ATTENTION!! You do not need to load the model every time the application starts; it is stored in the system files and only needs to be done once. Please carefully review the example application. You should use loadAssetModel and loadNetworkModel methods only when you need to upload the model to device
Usage #
1.Loading Models from assets (available only in debug mode):
Dont forget to add your model to pubspec.yaml
- Loading from assets (loraUrl is optional)
await FlutterGemmaPlugin.instance.loadAssetModel(fullPath: 'model.bin', loraPath: 'lora_weights.bin');
- Loading froms assets with Progress Status (loraUrl is optional)
FlutterGemmaPlugin.instance.loadAssetModelWithProgress(fullPath: 'model.bin', loraPath: 'lora_weights.bin').listen(
(progress) {
print('Loading progress: $progress%');
},
onDone: () {
print('Model loading complete.');
},
onError: (error) {
print('Error loading model: $error');
},
);
1.Loading Models from network:
-
For web usage, you will also need to enable CORS (Cross-Origin Resource Sharing) for your network resource. To enable CORS in Firebase, you can follow the guide in the Firebase documentation: Setting up CORS
- Loading from the network (loraUrl is optional).
await FlutterGemmaPlugin.instance.loadNetworkModel(url: 'https://example.com/model.bin', loraUrl: 'https://example.com/lora_weights.bin');
- Loading froms the network with Progress Status (loraUrl is optional)

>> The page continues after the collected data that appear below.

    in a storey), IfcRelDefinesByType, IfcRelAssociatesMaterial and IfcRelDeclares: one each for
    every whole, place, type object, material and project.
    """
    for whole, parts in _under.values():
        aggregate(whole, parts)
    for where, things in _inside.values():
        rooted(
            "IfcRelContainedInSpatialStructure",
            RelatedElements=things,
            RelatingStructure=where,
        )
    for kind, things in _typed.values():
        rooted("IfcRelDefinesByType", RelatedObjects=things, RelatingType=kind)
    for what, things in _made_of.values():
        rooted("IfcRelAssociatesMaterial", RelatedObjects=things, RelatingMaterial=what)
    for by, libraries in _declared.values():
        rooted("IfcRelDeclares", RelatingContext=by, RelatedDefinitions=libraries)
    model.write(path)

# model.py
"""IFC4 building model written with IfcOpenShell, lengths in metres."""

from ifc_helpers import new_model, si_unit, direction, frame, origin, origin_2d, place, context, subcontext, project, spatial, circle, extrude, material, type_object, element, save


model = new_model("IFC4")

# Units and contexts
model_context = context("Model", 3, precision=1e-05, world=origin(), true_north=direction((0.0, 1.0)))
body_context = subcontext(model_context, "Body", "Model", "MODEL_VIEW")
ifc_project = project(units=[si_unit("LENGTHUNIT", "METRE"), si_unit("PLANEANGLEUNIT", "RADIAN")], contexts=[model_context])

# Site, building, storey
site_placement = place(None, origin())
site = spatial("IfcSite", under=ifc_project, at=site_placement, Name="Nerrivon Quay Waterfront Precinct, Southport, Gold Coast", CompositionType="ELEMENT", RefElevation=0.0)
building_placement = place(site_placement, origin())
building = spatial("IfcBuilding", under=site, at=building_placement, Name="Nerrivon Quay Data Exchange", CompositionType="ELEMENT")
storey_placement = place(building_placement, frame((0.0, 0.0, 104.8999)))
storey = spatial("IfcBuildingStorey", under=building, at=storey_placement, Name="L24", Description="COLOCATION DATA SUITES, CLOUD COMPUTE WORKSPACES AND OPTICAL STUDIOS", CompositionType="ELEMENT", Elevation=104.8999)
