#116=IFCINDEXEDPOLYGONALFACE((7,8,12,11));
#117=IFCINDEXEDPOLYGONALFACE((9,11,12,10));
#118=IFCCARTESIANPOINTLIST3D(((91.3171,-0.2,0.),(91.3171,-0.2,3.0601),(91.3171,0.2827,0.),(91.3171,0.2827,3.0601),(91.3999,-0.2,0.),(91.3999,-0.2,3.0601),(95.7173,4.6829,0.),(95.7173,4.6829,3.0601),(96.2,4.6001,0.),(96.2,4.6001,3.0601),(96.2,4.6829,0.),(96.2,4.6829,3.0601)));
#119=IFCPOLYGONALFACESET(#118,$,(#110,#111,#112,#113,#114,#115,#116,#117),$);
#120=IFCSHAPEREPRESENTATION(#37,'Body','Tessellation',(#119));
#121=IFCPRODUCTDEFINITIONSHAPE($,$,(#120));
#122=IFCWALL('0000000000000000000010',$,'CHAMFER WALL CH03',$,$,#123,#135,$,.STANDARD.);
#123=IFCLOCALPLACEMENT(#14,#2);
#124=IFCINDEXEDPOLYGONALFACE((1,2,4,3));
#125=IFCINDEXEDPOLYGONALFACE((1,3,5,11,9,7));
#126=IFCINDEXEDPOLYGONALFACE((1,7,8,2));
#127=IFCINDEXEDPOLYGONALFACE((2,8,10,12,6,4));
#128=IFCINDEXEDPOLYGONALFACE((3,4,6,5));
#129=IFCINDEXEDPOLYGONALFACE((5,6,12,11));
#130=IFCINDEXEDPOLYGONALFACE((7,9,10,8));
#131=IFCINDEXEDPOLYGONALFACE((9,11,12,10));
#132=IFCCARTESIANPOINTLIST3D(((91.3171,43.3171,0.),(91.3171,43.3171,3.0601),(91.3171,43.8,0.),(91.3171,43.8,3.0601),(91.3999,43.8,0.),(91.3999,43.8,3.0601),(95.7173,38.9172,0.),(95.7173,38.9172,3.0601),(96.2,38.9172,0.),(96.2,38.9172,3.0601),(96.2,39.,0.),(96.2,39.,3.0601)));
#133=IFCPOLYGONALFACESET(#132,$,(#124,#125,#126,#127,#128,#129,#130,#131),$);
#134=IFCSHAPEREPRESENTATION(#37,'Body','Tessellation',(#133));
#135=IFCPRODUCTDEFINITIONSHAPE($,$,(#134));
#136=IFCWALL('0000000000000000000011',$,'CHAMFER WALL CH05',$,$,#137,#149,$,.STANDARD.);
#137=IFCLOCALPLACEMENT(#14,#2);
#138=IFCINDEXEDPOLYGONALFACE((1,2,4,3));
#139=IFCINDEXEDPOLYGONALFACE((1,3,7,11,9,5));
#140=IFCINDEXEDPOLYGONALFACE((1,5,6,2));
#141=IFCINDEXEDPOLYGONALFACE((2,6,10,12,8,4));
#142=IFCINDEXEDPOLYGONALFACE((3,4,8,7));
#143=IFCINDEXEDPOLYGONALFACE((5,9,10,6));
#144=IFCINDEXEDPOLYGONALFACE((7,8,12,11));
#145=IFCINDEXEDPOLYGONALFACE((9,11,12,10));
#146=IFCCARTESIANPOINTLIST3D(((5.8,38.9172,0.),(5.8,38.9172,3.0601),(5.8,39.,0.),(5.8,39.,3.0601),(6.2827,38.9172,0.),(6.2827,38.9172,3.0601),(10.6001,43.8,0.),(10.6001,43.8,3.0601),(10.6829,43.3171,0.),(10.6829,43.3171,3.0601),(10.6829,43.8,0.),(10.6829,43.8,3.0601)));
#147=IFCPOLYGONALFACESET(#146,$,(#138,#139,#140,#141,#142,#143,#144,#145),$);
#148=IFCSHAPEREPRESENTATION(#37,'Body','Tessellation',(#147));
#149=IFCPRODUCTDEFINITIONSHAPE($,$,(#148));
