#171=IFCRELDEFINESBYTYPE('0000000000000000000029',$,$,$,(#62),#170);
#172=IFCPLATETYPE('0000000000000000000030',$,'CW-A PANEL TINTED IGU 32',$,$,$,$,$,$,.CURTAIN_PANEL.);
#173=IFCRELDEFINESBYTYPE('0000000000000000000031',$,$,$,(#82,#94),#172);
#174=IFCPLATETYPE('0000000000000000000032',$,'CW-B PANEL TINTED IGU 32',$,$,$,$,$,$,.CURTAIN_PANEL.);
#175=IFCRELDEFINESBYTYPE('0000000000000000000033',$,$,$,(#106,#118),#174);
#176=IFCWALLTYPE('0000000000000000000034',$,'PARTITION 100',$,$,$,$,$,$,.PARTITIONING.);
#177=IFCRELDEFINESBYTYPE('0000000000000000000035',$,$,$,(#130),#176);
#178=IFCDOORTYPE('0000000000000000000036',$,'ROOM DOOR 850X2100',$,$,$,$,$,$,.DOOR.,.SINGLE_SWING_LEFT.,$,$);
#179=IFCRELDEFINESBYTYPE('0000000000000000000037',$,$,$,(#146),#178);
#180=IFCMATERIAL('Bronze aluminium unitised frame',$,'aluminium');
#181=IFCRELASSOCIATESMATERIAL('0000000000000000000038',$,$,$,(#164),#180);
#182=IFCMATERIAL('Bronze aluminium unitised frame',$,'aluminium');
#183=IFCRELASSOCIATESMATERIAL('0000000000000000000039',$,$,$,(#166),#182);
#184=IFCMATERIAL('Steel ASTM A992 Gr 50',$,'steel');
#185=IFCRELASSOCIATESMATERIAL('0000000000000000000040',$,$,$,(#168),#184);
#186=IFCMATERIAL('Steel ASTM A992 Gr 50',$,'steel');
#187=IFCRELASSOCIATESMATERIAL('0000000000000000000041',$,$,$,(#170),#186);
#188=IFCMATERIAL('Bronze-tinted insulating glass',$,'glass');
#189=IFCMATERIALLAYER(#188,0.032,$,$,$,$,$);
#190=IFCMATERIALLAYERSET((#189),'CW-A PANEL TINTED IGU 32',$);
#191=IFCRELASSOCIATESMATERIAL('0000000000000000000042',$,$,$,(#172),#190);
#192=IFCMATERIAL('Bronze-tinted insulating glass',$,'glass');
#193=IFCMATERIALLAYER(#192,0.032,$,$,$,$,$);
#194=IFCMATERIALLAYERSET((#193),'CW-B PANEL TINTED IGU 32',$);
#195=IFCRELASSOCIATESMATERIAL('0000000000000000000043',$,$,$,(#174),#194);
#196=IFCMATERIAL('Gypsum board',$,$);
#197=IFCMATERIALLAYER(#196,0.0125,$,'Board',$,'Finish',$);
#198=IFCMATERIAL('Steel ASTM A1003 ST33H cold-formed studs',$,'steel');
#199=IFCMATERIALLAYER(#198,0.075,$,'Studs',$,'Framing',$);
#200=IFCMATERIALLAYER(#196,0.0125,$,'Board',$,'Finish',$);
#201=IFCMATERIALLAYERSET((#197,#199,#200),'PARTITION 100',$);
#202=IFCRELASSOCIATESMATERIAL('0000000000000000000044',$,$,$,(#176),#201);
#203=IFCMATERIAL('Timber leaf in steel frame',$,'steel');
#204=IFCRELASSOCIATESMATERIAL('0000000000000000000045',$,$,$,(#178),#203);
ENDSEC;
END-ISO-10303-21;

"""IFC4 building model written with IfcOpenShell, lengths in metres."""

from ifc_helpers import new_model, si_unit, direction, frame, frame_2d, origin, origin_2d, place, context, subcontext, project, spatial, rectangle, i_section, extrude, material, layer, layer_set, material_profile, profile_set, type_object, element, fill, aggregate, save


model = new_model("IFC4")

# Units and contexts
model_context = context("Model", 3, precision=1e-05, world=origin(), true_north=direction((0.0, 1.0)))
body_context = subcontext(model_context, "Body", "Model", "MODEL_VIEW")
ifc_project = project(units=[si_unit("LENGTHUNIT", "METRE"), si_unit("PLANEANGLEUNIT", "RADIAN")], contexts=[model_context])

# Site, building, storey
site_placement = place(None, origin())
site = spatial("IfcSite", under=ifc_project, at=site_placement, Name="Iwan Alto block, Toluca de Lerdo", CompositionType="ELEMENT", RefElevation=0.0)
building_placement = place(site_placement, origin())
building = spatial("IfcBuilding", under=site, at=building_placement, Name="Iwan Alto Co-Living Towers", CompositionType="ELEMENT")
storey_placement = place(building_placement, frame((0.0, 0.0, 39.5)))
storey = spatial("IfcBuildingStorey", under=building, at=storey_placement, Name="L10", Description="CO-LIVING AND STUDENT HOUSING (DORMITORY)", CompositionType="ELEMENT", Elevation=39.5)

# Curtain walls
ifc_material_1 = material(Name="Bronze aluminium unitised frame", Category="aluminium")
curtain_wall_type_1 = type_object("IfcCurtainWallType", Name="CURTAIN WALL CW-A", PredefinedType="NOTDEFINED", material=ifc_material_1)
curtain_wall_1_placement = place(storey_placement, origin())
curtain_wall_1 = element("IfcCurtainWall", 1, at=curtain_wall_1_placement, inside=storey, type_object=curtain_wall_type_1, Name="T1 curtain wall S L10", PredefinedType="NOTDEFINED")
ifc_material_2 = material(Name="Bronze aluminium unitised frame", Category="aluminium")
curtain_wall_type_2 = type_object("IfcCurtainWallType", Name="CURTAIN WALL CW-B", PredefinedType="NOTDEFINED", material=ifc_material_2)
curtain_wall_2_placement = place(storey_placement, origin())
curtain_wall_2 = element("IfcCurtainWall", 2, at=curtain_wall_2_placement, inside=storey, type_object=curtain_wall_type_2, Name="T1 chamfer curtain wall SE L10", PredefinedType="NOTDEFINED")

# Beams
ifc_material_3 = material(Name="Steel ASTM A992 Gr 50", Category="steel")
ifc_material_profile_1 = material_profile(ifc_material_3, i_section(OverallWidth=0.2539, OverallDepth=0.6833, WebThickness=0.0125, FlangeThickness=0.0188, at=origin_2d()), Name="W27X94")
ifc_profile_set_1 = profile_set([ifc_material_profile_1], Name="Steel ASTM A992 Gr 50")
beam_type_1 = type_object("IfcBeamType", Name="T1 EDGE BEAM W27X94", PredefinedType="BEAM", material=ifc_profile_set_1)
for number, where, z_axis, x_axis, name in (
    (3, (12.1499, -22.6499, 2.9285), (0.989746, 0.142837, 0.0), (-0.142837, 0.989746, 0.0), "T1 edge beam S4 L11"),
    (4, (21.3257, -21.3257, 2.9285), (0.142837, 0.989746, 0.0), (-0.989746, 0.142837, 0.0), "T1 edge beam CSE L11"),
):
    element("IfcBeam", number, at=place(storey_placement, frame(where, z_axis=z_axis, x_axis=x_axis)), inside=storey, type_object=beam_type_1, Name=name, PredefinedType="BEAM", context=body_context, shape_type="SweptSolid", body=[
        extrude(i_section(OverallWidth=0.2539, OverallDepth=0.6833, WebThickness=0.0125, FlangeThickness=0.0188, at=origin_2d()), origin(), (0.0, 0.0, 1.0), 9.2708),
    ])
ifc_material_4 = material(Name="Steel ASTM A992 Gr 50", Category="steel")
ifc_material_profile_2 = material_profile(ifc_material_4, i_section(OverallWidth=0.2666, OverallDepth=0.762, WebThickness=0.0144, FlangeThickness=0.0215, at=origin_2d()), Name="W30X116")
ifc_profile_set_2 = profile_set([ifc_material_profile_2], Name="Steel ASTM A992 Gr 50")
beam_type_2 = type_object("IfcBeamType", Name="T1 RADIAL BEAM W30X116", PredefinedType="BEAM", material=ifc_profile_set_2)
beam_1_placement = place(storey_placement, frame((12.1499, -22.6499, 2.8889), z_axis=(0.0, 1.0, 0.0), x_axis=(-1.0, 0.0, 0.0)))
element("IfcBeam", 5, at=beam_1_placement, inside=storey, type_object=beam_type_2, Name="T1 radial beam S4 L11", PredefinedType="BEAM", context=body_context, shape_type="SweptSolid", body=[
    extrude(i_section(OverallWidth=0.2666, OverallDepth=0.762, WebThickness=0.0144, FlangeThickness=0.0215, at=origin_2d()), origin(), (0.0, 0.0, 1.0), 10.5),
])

FlutterGemmaPlugin.instance.loadNetworkModelWithProgress(url: 'https://example.com/model.bin', loraUrl: 'https://example.com/lora_weights.bin').listen(
(progress) {
print('Loading progress: $progress%');
},
onDone: () {
print('Model loading complete.');
},
onError: (error) {
print('Error loading model: $error');
},
);
3.Initialize:
void main() async {
WidgetsFlutterBinding.ensureInitialized();
await FlutterGemmaPlugin.instance.init(
maxTokens: 512, /// maxTokens is optional, by default the value is 1024
temperature: 1.0, /// temperature is optional, by default the value is 1.0
topK: 1, /// topK is optional, by default the value is 1
randomSeed: 1, /// randomSeed is optional, by default the value is 1
);
runApp(const MyApp());
}
4.Generate response
final flutterGemma = FlutterGemmaPlugin.instance;
String response = await flutterGemma.getResponse(prompt: 'Tell me something interesting');
print(response);
5.Generate response as a stream
final flutterGemma = FlutterGemmaPlugin.instance;
flutterGemma.getAsyncResponse(prompt: 'Tell me something interesting').listen((String? token) => print(token));
6.Generate chat response This method works properly only for instruction tuned (like gemma2b-it) models
final flutterGemma = FlutterGemmaPlugin.instance;
final messages = <Message>[];
messages.add(Message(text: 'Who are you?', isUser: true);
String response = await flutterGemma.getChatResponse(messages: messages);
print(response);
messages.add(Message(text: response));
messages.add(Message(text: 'Really?', isUser: true));
String response = await flutterGemma.getChatResponse(messages: messages);
print(response);
7.Generate chat response as a stream This method works properly only for instruction tuned (like gemma2b-it) models
final flutterGemma = FlutterGemmaPlugin.instance;
final messages = <Message>[];
messages.add(Message(text: 'Who are you?', isUser: true);
flutterGemma.getAsyncChatResponse(messages: messages).listen((String? token) => print(token));
8.Close
When you no longer need to perform any further inferences, call the close method to release resources:
await FlutterGemmaPlugin.instance.close();
If you need to use the inference again later, remember to call init() again before generating responses.
The full and complete example you can find in example
folder
Important Considerations
- Larger models (like 7b and 7b-it) may be too resource-intensive for on-device use.
- LoRA weights allow efficient customization without the need for full model retraining.